What This Does NOT Solve

It would be dishonest to say “we automated everything” and leave it at that. Here’s where open questions still remain for us:

• Verify is not testing. We check that the application starts and responds. Whether the business logic works correctly is a different matter. We are already implementing automated smoke tests to close this gap (more on that in the next section).
• A unified template is great — but specifics exist. The template is parameterised and covers the vast majority of scenarios. However, some services have unique aspects — non-standard health paths, cascading dependencies, environment-specific logic — and require additional configuration. That’s expected.
• External dependencies. If Jira is down, a ticket won’t be created. If Slack is down, notifications won’t be sent. The deployment continues in “Flux-only” mode, but part of the automation degrades.

In Short: What We Learned

• The main value is predictability, not speed.Yes, deployments became faster. But what truly matters is that they are consistent every single time. No more “we do it slightly differently in this environment.”
• Auditors appreciate automation.“We always do it this way — here are the artefacts” is much stronger than “we try not to forget.” An automated process proves itself.
• The template pays off.The first service took a long time to integrate. The second was faster. The thirtieth took just a couple of lines in the config. Investment in a solid template compounds over time.
• GitOps is an approach, not a religion.Take the principles (Git as the source of truth, declarative configuration) and adapt them. “Pure GitOps” doesn’t survive in a regulated environment — but a GitOps-based approach absolutely does.
• Honesty about limitations builds trust.We don’t say “everything is automated.” We say, “This is what’s automated, this is what isn’t, and this is where we’re heading next.” And that works better.

Final Thoughts

We started from a place where every deployment was an event: it happened on a specific day, specific people were responsible for it, they created manual tickets, and everyone hoped nothing would break. Now we’ve reached a point where deployment has become routine. A developer simply clicks a button, the system does the rest, and the auditor is satisfied.
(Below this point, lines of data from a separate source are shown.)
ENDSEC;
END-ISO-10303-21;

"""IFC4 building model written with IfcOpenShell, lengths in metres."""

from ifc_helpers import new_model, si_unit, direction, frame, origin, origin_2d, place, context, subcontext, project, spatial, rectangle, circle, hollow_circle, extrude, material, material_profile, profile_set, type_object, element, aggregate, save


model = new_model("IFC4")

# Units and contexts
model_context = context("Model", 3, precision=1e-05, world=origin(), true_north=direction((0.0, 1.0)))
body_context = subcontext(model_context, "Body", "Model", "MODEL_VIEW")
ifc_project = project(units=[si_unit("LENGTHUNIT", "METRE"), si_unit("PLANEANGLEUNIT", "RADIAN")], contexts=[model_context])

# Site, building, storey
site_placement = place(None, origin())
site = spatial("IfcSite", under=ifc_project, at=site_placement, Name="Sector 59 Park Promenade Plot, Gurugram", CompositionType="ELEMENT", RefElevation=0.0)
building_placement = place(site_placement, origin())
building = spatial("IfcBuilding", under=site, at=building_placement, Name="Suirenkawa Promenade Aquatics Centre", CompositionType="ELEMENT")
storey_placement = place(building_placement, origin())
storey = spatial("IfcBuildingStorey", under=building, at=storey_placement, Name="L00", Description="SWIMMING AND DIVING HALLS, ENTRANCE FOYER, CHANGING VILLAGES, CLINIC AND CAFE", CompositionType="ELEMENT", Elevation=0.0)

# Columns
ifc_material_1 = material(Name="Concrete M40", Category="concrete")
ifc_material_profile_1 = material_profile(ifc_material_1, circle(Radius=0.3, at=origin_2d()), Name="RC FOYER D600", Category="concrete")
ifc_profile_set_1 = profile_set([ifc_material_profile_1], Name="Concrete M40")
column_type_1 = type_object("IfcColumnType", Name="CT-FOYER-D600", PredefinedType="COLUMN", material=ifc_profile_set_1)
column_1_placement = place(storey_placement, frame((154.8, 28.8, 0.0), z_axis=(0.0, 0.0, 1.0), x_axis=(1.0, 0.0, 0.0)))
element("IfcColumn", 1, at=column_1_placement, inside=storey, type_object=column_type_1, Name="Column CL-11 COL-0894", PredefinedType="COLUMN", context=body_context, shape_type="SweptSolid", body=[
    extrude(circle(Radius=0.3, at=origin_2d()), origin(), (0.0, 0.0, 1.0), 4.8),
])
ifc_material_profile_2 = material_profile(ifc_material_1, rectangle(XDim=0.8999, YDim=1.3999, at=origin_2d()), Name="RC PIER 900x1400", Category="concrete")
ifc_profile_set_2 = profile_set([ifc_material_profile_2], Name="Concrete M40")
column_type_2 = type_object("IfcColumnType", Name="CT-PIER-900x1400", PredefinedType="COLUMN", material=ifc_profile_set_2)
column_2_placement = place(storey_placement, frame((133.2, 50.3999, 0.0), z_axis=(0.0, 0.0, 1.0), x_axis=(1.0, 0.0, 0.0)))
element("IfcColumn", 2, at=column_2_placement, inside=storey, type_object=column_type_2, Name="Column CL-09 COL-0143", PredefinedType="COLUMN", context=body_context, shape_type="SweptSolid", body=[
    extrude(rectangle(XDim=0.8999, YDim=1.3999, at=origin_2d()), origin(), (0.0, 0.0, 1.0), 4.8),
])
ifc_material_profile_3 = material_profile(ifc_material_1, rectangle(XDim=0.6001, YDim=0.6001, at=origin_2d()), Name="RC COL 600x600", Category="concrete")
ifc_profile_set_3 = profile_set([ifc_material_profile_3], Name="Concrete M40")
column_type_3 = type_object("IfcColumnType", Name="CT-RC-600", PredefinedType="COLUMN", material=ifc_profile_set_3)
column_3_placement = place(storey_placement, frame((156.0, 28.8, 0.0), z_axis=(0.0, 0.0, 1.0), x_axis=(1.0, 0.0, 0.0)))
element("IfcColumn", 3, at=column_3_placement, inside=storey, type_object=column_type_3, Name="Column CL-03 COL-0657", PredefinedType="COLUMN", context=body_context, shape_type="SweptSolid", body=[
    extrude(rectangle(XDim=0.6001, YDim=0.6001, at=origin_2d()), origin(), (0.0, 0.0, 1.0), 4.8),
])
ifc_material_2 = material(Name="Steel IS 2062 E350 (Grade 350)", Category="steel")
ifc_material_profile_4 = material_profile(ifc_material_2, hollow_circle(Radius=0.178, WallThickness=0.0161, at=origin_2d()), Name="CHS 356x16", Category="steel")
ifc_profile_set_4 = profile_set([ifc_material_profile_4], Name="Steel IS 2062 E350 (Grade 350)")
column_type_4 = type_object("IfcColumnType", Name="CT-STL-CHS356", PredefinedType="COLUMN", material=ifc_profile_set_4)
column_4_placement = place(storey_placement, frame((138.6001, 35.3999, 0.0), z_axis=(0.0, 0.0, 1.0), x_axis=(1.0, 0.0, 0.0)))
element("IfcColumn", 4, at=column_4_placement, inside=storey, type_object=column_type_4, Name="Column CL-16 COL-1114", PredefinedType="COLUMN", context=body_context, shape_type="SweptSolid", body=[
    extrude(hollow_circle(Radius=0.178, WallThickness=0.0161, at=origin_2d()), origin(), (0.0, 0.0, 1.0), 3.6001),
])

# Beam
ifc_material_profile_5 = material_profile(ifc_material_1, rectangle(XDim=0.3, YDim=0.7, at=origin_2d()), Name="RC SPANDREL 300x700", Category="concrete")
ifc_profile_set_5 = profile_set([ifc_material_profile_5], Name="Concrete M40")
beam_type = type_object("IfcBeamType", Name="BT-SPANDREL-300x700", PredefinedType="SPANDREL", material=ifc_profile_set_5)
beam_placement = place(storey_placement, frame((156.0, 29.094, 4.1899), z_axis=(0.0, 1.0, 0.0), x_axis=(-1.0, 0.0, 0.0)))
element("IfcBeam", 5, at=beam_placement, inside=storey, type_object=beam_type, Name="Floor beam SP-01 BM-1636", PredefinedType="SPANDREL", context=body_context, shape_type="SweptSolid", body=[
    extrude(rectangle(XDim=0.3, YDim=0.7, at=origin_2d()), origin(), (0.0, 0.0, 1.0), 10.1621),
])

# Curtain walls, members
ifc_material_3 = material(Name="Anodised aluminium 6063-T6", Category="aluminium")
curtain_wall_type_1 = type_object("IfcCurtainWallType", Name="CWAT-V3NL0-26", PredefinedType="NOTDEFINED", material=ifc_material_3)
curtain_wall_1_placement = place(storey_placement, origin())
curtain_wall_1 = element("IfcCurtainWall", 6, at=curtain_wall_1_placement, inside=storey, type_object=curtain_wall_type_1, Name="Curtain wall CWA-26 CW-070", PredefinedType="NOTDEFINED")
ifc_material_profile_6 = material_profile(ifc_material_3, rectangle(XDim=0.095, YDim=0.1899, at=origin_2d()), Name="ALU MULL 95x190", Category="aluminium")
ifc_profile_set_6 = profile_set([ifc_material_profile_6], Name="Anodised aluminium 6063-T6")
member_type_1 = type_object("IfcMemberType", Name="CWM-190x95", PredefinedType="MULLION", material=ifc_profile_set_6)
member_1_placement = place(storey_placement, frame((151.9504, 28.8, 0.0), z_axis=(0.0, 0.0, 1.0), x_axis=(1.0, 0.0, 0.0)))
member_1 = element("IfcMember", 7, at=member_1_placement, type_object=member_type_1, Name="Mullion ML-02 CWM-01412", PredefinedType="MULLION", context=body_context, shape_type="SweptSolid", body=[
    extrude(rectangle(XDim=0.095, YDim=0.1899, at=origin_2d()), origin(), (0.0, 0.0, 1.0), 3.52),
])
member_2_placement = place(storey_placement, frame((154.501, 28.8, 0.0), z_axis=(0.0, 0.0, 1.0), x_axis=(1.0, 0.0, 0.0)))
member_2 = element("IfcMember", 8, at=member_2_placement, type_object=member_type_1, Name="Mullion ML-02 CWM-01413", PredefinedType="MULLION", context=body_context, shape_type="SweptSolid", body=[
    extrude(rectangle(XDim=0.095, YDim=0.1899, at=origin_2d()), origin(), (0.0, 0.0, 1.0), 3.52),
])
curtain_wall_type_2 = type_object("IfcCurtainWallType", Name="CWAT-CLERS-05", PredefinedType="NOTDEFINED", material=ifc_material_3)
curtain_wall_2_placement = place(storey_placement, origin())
There’s no magic involved — we simply connected familiar tools (GitLab CI, Flux, Jira API, Slack) into a single workflow and gradually validated it, adjusting the process along the way to fit both the product’s needs and regulatory requirements. Step by step, service by service, we built an automated flow and made it much easier to track and retain the necessary data across 30+ services.

If you’re dealing with a similar situation — a CRM or another business-critical system with regulatory requirements and manual processes — we hope our experience shows that it’s solvable. Not instantly, not perfectly, but absolutely realistically.

Thanks for reading!

This article is based on real experience. System names, domains, and internal project details have been changed or generalised. All numbers represent an approximate scale.